ONE OF THE PEOPLE who had shown great support to Modi was the Syedna Mohammed Burhanuddin, the late absolute spiritual leader of the Bohra Muslim community—one of the most powerful business communities of India. The Syedna, who was born in Surat, had complete control over the Bohra community (though in later years there were some dissidents to his absolute rule, and the collection of zakat—used for charitable and religious purposes—at almost every major occasion from birth to death). He gave many sermons around the world—and several more in Gujarat—and inevitably met Modi several times. They seemed to have developed a genuine regard for each other. On his death, Modi tweeted a condolence message—the first he had ever done for any Muslim leader.

On his part, the Syedna’s control over his flock remained strong till the end. When he died, such was the crush of his followers that 18 people were killed in a stampede outside his home at Mumbai’s Malabar Hills.

The Syedna ruled many aspects, some say most aspects, of Bohra life—including, though never openly, financial support to specific politicians. In Mumbai, I spent a couple of days walking up and down crowded Bhendi Bazaar and Nalli Bazaar lanes, the business centre of the Bohra Muslims in the city, asking traders about the late Syedna and Modi. It was two days before the 40-day anniversary of the Syedna’s death. Not a single person denied that the Syedna had close ties with Modi—or that his writ, expressed or implied, ran supreme in the close-knit community.

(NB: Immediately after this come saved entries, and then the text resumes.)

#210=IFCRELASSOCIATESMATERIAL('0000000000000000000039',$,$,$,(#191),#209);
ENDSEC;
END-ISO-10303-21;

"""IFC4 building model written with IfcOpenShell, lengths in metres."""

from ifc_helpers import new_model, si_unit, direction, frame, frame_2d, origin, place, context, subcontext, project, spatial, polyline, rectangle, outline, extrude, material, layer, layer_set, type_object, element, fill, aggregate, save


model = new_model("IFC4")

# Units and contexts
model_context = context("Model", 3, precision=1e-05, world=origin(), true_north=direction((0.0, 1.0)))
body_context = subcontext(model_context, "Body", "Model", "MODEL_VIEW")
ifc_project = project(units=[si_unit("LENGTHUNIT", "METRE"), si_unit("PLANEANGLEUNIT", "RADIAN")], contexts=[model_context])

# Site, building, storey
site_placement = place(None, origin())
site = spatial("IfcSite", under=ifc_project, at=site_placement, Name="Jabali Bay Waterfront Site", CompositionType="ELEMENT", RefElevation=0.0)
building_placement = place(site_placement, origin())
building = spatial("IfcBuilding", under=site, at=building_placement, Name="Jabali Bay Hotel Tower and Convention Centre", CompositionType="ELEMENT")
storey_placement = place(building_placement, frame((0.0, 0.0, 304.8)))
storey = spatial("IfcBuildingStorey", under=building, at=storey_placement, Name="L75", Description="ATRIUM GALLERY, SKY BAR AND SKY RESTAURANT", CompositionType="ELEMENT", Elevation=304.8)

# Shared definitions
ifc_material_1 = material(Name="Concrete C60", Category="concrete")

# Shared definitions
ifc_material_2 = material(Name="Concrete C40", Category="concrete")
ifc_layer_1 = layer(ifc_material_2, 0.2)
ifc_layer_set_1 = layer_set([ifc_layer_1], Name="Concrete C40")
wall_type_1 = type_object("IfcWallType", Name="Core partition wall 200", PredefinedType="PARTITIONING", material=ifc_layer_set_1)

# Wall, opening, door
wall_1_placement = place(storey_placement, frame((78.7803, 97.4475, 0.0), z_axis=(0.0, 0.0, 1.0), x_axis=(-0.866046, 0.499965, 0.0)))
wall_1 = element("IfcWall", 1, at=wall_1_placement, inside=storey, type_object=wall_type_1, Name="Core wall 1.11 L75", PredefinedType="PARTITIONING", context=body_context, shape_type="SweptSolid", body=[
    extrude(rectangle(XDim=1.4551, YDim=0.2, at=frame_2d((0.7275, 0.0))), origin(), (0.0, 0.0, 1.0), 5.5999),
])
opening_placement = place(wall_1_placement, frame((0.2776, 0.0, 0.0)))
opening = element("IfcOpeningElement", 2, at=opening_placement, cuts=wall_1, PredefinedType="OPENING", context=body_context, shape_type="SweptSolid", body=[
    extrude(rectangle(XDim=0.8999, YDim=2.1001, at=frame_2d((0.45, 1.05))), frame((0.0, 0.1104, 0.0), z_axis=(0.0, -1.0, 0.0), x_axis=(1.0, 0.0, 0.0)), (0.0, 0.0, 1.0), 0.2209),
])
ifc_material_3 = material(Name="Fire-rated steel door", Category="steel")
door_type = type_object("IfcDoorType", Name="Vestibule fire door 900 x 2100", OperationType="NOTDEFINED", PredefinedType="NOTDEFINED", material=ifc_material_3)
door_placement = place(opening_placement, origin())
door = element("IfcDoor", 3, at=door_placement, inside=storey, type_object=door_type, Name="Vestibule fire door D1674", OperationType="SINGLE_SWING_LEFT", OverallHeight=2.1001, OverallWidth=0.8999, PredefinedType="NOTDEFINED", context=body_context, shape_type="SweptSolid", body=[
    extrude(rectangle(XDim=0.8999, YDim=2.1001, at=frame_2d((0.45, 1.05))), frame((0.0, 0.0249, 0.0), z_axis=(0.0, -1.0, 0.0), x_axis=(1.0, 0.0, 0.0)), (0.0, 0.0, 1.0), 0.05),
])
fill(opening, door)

Nadeem Jafri is also called the Ksihore Biyani of Juhapura. "If we blame him for failing to stop the violence in 2002, we also have to give him credit for 10 years of peace."

“The Syedna always told us that the Bohras have one principle: Strengthen the hand of those who are coming to power,” is all Fakhruddin (he goes by one name), partner at glass traders Fishfa Group, will say. Farooq Umar, who runs Bellacasa, a hardware store, is more forthcoming. “Can you tell me the name of the chief minister during the 1969 riots in Gujarat or 1992 riots in Mumbai? No one remembers.” His point: Strong leadership and development will last longer than controversy.

Originally from Jamnagar in Gujarat, he visits the state every year. “Why should we not support Modi? Have you seen the electricity [supply] in Gujarat? There’s no power cut. Have you seen the roads?”

It’s not just a western Indian phenomenon. From Mumbai, I went to Chennai to meet Fakhruddin Vanak, one of the most prominent Bohra Muslim entrepreneurs in the southern city. Vanak, 75, is chairman of Vanjax Sales, an industrial trolley and lift manufacturer. Last year, the company grew by 10% and declared a turnover of Rs 22 crore.

The entrance to Vanak’s office has a large photograph of the Syedna. Mention Modi to him and the smiling man with twinkling eyes says, “Let me tell you a joke first. My granddaughter once told me that India was a banana republic. I was aghast. I asked her, who told you that? She said someone told her that Rajiv Gandhi used to say ‘is desh ko banana hai’ (‘we need to build this country’), and since she didn’t know Hindi very well, she thought it must be the same as a banana republic. I wonder if some people are thinking the same when Modi goes on about building the nation.” He gives a little guffaw at his own joke.

Then, turning serious, he adds, “We desperately need a sense of hope and growth in this country. Naturally, there was an impact in the community about the yedna’s interactions with Modi. I wish that Modi becomes prime minister and then fulfils all his promises.”